Hey i'm new to the whole vivarium thing but my corns in a little faunarium and such. was just wondering about the materials you used to create this and how would one go about starting something such as this herself?

I mean I really really wanna kit my viv out (when i get it) and this looks like the perfect thing to do. I'm guessing u cnt do much with it though after your down moulding it. Hmmmm I dunno like plants or make it look more colourful?


----------



## tp.shackleton.norgay (Jan 10, 2011)

looks great!! looking forward to seeing the end result


----------



## Swain86 (Jan 23, 2011)

lewis1504 said:


> these may be silly questions but what was the grey material you used for the main walls??
> 
> also is that just polystyrene in the bottom?

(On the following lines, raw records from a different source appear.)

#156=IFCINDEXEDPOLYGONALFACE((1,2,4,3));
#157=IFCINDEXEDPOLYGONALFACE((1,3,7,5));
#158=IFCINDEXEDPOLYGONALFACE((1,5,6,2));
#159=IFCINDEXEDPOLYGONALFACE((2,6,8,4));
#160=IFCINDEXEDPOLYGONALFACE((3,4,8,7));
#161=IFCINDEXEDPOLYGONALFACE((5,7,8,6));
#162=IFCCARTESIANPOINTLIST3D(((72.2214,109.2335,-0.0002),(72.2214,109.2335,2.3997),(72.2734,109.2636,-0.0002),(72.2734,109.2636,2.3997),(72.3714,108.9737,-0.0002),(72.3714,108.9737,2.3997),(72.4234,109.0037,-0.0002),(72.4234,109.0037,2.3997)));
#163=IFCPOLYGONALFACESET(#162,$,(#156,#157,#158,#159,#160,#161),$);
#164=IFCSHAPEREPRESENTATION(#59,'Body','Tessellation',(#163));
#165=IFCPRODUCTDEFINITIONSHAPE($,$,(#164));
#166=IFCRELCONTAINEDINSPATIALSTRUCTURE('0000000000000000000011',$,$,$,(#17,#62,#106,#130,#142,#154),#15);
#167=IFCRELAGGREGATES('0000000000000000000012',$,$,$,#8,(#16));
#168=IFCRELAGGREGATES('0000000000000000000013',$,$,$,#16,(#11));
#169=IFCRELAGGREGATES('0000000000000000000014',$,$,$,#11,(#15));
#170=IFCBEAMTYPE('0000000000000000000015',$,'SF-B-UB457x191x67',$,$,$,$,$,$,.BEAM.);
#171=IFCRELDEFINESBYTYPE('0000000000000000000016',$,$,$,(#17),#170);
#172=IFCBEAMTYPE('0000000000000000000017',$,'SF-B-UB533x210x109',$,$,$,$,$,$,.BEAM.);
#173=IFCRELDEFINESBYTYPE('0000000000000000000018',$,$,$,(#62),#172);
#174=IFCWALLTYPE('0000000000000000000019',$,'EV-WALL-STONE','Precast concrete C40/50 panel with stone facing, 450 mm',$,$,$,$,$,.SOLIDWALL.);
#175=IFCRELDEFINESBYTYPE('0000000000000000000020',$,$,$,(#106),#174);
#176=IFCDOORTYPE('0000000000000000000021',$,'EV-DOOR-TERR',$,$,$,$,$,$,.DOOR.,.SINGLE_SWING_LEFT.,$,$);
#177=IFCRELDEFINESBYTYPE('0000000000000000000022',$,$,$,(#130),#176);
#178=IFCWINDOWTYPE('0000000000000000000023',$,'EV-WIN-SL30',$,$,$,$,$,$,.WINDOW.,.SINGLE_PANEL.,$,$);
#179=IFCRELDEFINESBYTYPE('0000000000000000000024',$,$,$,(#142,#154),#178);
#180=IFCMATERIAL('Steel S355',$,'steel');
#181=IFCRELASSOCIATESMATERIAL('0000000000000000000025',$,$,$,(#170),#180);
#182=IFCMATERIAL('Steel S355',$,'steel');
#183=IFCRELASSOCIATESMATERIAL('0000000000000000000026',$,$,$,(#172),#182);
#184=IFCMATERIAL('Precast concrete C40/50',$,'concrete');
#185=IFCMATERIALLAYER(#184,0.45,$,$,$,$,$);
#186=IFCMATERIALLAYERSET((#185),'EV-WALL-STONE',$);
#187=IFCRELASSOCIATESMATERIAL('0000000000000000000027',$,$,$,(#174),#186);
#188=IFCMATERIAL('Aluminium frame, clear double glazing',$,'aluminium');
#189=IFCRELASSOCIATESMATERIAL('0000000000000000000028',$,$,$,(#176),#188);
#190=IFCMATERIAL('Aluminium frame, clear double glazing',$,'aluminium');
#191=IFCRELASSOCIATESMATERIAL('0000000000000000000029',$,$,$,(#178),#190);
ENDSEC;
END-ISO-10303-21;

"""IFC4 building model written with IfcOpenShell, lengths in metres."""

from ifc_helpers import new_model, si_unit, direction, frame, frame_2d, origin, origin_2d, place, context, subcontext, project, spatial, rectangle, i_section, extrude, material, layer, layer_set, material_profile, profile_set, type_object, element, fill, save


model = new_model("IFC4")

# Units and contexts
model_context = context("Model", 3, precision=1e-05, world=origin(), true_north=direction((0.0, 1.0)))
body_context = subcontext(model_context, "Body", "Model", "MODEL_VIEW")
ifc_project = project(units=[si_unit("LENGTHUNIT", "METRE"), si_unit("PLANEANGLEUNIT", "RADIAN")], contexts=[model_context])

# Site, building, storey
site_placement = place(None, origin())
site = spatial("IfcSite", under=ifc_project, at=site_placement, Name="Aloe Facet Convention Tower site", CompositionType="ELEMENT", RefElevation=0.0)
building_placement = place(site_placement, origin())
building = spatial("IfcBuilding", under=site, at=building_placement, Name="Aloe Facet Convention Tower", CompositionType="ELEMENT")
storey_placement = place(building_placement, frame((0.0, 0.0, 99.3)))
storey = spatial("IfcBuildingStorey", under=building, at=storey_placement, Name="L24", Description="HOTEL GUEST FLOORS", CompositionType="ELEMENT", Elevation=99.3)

The the grey material is tile grout. The whole thing is made out of polystyrene, i have not fully grouted it all yet.


----------



## Swain86 (Jan 23, 2011)

Lovin said:


> Hey i'm new to the whole vivarium thing but my corns in a little faunarium and such. was just wondering about the materials you used to create this and how would one go about starting something such as this herself?
> 
> I mean I really really wanna kit my viv out (when i get it) and this looks like the perfect thing to do. I'm guessing u cnt do much with it though after your down moulding it. Hmmmm I dunno like plants or make it look more colourful?


Hi , well as you see i still have a lot to do. As i mentioned this is only one half and its not complete. 

But so far i have used - Polystrene - the walls, floor, rocks and things
- PVA - to glue the pieces of poly together
- Tile grout - to add strength

What i intended to use - acyrilic paint - for colour
- non slip floor varnish - to seal it all, hopefully making it cleanable 

I do intend to add some fake plants to help bring some life into it. Also i will be painting the floor and walls dark brown and the stones and stuff dark grey 

Open to suggestions


----------



## Lovin (Sep 14, 2010)

Swain86 said:


> Hi , well as you see i still have a lot to do. As i mentioned this is only one half and its not complete.
> 
> But so far i have used - Polystrene - the walls, floor, rocks and things
> - PVA - to glue the pieces of poly together
> ...


 
Ohhhh see i didnt know whether u could use paint and stuff like this. I dunno why but it makes sense. Good luck with it hun and can't wait to see the finished product.


----------



## lee young (Oct 14, 2009)

looking good so far, but be careful with building things like caves fixed in place. If your pet is sick and wont come out you'll have to take the viv apart to get them out. Also, if they poo inside enclosed spaces its very hard to clean.


----------



## Swain86 (Jan 23, 2011)

lee young said:


> looking good so far, but be careful with building things like caves fixed in place. If your pet is sick and wont come out you'll have to take the viv apart to get them out. Also, if they poo inside enclosed spaces its very hard to clean.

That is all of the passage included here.